Develop diagnostic tools for SARS-CoV2/COVID19: More data required but gene expression pattern specific to SARS-Cov-2 infection could provide potential biomarkers, such as the secreted peptides EDN1 & TNFSF15.

Study Type

· Bioinformatics study – Transcriptome analysis

· In vitro study: A549 and NHBE cells

· In vivo study (e.g. mouse, NHP): Ferret model.

Strengths and limitations of the paper

Novelty: Full transcriptional profile of lung epithelial cell line, primary cells & in vivo cells after SARS-CoV2 infection: SARS-CoV-2 elicits a mild host transcriptional response, exemplified by the lack of induction of Type I and III interferons. Possibility of induction of two novel immune genes EDN1 & TNFSF15 specific to SARS-CoV-2, which could be use as biomarkers.

Standing in the field: This is one of the transcriptomic analyses of the host response to SARS-CoV-2 infection. Several other single cell RNASEq studies of patient PBMCs or lung bronchoalveolar immune cells are in the preprints as well. The results shown for Influenza A and RSV seem to agree with what has been published before for these two viruses.

Appropriate statistics: Unclear, the number of biological replicates for the RNA-seq is not available.

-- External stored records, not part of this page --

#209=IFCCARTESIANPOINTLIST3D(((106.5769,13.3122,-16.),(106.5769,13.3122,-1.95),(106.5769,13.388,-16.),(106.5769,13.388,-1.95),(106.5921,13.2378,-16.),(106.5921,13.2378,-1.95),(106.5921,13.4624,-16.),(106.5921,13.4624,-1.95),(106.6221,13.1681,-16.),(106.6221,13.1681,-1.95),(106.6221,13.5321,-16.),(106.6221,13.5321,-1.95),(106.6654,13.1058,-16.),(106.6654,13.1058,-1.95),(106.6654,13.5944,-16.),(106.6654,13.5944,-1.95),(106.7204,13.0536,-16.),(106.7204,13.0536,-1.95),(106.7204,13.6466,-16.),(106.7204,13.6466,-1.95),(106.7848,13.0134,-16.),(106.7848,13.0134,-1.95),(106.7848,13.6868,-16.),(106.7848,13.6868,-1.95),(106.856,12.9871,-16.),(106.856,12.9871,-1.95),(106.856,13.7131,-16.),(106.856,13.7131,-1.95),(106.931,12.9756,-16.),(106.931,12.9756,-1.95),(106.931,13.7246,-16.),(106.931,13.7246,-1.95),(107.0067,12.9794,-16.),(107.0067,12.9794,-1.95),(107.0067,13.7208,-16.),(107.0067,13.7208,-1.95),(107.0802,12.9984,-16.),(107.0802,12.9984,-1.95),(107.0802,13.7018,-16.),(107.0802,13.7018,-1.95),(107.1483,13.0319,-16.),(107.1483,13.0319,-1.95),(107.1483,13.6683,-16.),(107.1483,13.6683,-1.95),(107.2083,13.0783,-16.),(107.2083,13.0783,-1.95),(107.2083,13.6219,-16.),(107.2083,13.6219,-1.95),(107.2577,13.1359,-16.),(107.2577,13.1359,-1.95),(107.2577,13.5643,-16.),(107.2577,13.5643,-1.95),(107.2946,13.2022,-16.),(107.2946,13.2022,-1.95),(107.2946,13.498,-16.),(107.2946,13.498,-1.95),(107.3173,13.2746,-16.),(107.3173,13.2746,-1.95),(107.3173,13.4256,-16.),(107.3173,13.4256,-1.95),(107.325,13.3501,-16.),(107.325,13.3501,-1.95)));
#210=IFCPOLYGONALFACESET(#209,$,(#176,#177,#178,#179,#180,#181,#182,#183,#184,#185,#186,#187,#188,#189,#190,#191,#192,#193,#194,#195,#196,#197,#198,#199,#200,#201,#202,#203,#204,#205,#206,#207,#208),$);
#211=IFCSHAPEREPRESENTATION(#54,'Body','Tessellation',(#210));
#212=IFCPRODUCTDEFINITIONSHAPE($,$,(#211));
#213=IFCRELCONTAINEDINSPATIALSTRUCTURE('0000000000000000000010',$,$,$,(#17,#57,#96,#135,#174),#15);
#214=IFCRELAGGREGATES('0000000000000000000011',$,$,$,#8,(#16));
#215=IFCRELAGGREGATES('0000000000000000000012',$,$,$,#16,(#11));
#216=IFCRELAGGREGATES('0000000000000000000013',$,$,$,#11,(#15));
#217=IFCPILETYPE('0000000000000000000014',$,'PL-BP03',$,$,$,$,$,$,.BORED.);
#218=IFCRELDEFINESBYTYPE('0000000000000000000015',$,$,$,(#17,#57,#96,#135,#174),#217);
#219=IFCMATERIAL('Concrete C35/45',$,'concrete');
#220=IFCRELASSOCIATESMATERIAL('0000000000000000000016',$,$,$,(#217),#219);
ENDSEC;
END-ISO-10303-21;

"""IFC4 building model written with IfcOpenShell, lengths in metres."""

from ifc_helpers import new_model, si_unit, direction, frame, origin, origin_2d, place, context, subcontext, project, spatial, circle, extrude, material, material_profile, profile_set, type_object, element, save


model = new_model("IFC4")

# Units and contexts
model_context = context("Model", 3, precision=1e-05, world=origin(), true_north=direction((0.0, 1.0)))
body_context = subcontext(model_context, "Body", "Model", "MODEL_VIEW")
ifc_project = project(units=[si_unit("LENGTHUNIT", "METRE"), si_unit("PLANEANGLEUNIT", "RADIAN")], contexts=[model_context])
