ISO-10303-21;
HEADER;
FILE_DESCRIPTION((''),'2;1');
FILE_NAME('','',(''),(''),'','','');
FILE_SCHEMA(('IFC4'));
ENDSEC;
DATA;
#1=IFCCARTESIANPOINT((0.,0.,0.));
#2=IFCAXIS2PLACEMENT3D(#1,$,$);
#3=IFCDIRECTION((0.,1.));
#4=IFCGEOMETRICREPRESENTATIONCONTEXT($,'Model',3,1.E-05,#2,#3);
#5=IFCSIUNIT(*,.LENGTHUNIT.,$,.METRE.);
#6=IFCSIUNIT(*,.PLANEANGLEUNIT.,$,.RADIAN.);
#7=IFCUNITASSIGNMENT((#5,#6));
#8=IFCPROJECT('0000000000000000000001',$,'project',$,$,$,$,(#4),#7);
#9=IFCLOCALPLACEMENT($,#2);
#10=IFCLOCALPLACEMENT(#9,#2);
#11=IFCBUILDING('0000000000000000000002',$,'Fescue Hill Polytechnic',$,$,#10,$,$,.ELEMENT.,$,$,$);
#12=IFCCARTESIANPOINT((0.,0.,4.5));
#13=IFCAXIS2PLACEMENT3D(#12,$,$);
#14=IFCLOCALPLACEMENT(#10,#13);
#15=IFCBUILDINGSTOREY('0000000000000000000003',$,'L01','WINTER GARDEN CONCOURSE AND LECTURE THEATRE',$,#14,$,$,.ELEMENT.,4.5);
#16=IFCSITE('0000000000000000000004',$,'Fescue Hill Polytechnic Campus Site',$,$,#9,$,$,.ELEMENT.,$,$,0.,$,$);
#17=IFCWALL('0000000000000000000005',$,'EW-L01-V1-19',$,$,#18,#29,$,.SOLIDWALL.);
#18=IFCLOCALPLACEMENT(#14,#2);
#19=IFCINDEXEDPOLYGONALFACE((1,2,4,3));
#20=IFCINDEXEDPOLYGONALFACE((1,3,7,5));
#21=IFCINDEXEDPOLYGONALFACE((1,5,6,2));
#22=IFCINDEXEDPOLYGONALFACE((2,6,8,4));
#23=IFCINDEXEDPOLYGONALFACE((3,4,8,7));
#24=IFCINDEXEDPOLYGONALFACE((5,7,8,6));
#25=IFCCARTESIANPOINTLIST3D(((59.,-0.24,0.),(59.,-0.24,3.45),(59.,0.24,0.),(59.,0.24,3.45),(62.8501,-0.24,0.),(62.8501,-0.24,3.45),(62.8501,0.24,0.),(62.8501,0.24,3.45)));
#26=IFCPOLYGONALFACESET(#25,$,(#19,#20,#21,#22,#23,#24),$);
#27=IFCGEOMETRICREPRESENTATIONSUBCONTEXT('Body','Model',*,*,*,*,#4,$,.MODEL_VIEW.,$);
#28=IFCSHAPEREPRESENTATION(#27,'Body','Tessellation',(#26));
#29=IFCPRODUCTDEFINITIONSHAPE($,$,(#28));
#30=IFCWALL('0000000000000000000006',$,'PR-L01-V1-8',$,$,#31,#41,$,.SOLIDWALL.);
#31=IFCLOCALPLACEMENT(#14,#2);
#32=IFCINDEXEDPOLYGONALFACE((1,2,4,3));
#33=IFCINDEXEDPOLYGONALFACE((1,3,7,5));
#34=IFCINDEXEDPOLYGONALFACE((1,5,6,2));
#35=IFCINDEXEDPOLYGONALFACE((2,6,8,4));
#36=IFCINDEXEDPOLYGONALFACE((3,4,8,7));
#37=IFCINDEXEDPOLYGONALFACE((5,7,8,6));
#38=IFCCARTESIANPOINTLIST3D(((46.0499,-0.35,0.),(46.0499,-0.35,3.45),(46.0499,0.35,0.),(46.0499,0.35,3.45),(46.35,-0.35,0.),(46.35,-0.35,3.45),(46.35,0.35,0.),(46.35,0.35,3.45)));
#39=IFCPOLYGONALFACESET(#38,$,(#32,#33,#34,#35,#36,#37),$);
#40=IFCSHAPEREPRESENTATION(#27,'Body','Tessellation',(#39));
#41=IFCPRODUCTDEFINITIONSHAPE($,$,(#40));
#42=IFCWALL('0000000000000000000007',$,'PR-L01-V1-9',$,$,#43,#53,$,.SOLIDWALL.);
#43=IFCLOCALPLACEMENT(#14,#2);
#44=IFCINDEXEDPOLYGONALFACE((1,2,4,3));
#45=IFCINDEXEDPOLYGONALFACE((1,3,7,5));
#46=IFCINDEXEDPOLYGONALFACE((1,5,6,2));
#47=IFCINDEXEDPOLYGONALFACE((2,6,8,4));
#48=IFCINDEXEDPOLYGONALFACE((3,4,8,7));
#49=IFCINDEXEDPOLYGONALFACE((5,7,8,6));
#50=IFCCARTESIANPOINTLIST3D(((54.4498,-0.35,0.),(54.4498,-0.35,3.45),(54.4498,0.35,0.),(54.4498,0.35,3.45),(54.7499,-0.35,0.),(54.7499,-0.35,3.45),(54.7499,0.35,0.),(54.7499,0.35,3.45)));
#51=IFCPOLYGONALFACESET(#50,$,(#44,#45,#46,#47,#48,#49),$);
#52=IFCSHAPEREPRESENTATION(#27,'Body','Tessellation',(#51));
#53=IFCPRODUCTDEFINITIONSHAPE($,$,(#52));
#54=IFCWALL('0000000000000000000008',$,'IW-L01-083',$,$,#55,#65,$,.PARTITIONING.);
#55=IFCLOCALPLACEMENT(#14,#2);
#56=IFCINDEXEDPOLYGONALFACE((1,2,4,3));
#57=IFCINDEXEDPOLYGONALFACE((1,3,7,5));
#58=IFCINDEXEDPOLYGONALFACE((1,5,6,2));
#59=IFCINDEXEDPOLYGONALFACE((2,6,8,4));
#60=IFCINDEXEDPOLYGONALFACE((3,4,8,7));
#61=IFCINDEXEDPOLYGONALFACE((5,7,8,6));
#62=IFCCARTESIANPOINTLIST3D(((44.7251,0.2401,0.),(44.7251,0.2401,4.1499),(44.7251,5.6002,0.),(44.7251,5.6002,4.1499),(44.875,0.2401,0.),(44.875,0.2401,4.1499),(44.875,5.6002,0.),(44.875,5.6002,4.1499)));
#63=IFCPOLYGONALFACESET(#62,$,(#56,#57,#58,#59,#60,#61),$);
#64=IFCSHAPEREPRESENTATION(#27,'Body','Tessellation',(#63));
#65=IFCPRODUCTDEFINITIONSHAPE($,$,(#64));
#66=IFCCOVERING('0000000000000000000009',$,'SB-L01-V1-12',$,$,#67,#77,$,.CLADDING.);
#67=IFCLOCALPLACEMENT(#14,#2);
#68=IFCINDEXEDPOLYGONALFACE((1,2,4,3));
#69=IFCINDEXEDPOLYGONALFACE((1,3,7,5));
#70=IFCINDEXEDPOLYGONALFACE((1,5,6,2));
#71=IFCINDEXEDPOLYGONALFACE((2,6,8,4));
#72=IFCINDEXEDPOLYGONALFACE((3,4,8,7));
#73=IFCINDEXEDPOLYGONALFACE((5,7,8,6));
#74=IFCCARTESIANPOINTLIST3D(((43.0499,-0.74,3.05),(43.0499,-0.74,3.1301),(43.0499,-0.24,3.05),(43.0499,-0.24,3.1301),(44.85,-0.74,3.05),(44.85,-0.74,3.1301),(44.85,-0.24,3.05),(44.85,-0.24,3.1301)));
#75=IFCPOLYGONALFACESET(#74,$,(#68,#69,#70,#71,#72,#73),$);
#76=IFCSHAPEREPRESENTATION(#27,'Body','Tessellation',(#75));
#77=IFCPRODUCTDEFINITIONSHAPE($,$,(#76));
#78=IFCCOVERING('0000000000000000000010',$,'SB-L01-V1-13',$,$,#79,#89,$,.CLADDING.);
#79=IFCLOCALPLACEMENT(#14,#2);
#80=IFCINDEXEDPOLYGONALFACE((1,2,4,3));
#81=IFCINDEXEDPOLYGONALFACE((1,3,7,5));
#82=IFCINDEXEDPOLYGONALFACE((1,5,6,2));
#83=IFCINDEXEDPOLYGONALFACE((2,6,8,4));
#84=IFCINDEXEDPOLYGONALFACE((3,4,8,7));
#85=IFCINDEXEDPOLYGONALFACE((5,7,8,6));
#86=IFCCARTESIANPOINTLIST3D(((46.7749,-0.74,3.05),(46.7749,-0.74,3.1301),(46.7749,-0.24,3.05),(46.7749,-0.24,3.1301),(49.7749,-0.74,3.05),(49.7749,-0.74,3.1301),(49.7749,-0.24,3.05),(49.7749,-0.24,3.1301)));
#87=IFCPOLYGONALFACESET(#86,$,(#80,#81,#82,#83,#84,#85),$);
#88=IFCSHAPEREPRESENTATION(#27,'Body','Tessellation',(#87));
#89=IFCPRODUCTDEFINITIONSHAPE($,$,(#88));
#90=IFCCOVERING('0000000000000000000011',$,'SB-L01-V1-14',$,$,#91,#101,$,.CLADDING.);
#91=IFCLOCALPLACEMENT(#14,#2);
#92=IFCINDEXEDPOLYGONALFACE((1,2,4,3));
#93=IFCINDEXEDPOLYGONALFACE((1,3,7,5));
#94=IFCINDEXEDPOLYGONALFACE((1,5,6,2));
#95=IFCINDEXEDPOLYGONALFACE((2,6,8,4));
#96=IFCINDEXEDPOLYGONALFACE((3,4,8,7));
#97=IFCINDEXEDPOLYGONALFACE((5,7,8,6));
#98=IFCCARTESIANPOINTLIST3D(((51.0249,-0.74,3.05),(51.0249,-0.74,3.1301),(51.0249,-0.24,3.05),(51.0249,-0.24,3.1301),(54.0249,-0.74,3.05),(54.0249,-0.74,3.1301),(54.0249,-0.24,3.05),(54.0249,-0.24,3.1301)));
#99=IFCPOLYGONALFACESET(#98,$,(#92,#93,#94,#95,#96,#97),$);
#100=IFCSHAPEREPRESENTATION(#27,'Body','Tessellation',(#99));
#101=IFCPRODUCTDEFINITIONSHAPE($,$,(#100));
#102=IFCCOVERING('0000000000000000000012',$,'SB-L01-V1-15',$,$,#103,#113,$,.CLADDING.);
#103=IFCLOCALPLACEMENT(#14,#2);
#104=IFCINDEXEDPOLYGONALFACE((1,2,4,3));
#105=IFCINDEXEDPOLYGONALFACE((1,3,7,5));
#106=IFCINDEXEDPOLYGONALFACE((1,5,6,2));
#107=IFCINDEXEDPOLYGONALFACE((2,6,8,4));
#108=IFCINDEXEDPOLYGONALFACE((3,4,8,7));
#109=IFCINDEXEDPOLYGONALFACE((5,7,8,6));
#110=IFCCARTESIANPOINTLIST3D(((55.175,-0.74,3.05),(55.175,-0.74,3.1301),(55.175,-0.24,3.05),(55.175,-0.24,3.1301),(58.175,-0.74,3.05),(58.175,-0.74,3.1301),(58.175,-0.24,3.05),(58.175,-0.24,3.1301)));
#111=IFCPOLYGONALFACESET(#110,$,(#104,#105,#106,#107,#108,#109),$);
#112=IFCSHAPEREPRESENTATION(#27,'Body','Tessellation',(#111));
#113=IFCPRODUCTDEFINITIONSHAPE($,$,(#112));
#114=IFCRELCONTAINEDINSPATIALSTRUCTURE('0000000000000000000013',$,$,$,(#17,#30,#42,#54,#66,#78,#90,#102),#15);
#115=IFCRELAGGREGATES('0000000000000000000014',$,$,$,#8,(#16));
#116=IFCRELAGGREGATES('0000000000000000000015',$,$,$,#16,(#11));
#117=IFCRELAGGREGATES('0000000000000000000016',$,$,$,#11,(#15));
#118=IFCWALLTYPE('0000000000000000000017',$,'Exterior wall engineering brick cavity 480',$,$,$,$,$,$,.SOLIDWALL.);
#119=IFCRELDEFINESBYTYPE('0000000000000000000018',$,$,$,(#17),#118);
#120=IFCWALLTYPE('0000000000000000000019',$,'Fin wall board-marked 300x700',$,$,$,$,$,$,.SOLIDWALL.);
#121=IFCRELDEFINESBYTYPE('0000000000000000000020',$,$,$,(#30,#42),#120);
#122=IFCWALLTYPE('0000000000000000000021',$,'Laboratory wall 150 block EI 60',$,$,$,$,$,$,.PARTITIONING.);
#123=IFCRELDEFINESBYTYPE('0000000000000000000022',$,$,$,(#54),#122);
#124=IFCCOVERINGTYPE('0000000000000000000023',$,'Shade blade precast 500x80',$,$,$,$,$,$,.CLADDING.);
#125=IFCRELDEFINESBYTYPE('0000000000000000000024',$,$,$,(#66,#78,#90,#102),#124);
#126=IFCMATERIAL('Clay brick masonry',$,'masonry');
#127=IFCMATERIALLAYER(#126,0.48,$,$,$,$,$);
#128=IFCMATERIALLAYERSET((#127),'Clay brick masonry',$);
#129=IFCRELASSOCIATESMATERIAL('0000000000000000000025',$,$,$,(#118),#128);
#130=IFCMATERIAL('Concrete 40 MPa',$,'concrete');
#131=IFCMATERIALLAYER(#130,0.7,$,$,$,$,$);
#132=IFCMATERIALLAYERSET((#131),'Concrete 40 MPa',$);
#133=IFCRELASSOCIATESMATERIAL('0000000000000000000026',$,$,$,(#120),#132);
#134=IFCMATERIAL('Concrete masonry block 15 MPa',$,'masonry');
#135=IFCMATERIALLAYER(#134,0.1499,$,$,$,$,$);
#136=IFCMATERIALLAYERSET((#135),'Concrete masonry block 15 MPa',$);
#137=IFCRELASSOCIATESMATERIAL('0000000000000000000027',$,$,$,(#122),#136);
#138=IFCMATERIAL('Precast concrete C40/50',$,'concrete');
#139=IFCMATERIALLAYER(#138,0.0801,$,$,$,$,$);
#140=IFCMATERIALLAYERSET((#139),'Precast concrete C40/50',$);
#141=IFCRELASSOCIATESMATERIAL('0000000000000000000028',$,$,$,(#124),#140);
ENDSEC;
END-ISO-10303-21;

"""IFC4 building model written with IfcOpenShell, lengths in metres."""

from ifc_helpers import new_model, si_unit, direction, frame, frame_2d, origin, origin_2d, place, context, subcontext, project, spatial, rectangle, extrude, material, layer, layer_set, type_object, element, save


model = new_model("IFC4")

# Units and contexts
model_context = context("Model", 3, precision=1e-05, world=origin(), true_north=direction((0.0, 1.0)))
body_context = subcontext(model_context, "Body", "Model", "MODEL_VIEW")
ifc_project = project(units=[si_unit("LENGTHUNIT", "METRE"), si_unit("PLANEANGLEUNIT", "RADIAN")], contexts=[model_context])

# Site, building, storey
site_placement = place(None, origin())
site = spatial("IfcSite", under=ifc_project, at=site_placement, Name="Fescue Hill Polytechnic Campus Site", CompositionType="ELEMENT", RefElevation=0.0)
building_placement = place(site_placement, origin())
building = spatial("IfcBuilding", under=site, at=building_placement, Name="Fescue Hill Polytechnic", CompositionType="ELEMENT")
storey_placement = place(building_placement, frame((0.0, 0.0, 4.5)))
storey = spatial("IfcBuildingStorey", under=building, at=storey_placement, Name="L01", Description="WINTER GARDEN CONCOURSE AND LECTURE THEATRE", CompositionType="ELEMENT", Elevation=4.5)

# Shared definitions
ifc_material_1 = material(Name="Concrete 40 MPa", Category="concrete")

# Shared definitions
ifc_material_2 = material(Name="Clay brick masonry", Category="masonry")
ifc_layer_1 = layer(ifc_material_2, 0.48)
ifc_layer_set_1 = layer_set([ifc_layer_1], Name="Clay brick masonry")
wall_type_1 = type_object("IfcWallType", Name="Exterior wall engineering brick cavity 480", PredefinedType="SOLIDWALL", material=ifc_layer_set_1)

# Walls
wall_1_placement = place(storey_placement, frame((59.0, 0.0, 0.0), z_axis=(0.0, 0.0, 1.0), x_axis=(1.0, 0.0, 0.0)))
element("IfcWall", 1, at=wall_1_placement, inside=storey, type_object=wall_type_1, Name="EW-L01-V1-19", PredefinedType="SOLIDWALL", context=body_context, shape_type="SweptSolid", body=[
    extrude(rectangle(XDim=3.8501, YDim=0.48, at=frame_2d((1.925, 0.0))), origin(), (0.0, 0.0, 1.0), 3.45),
])
ifc_layer_2 = layer(ifc_material_1, 0.7)
ifc_layer_set_2 = layer_set([ifc_layer_2], Name="Concrete 40 MPa")
wall_type_2 = type_object("IfcWallType", Name="Fin wall board-marked 300x700", PredefinedType="SOLIDWALL", material=ifc_layer_set_2)
for number, where, z_axis, x_axis, name in (
    (2, (46.05, 0.0, 0.0), (0.0, 0.0, 1.0), (1.0, 0.0, 0.0), "PR-L01-V1-8"),
    (3, (54.45, 0.0, 0.0), (0.0, 0.0, 1.0), (1.0, 0.0, 0.0), "PR-L01-V1-9"),
):
    element("IfcWall", number, at=place(storey_placement, frame(where, z_axis=z_axis, x_axis=x_axis)), inside=storey, type_object=wall_type_2, Name=name, PredefinedType="SOLIDWALL", context=body_context, shape_type="SweptSolid", body=[
        extrude(rectangle(XDim=0.3, YDim=0.7, at=frame_2d((0.1499, 0.0))), origin(), (0.0, 0.0, 1.0), 3.45),
    ])
ifc_material_3 = material(Name="Concrete masonry block 15 MPa", Category="masonry")
ifc_layer_3 = layer(ifc_material_3, 0.1499)
ifc_layer_set_3 = layer_set([ifc_layer_3], Name="Concrete masonry block 15 MPa")
wall_type_3 = type_object("IfcWallType", Name="Laboratory wall 150 block EI 60", PredefinedType="PARTITIONING", material=ifc_layer_set_3)
wall_2_placement = place(storey_placement, frame((44.8, 0.24, 0.0), z_axis=(0.0, 0.0, 1.0), x_axis=(0.0, 1.0, 0.0)))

Viral model used: SARS-CoV2; Influenza A; Respiratory syncytial virus in in vitro and in vivo systems

Translatability: None.

Main limitations:

- RNA-seq analysis not performed in presence of spike-ins for data normalization. Therefore, the analysis might not be entirely correct. Also, a single time-point has been used, which might not represent the whole picture of the host transcriptional response to SARS-CoV-2 infection.

- For the cell line infection & primary cell infection, an alveolar epithelium (lower respiratory tract) model was used. For analysis of in vivo infection nasal washes (upper respiratory tract) were performed. These differences in localization and cellular composition might pose a challenge in comparing the transcriptional profiles and it would have been better if epithelial cell lines and in vivo model would have been consistent.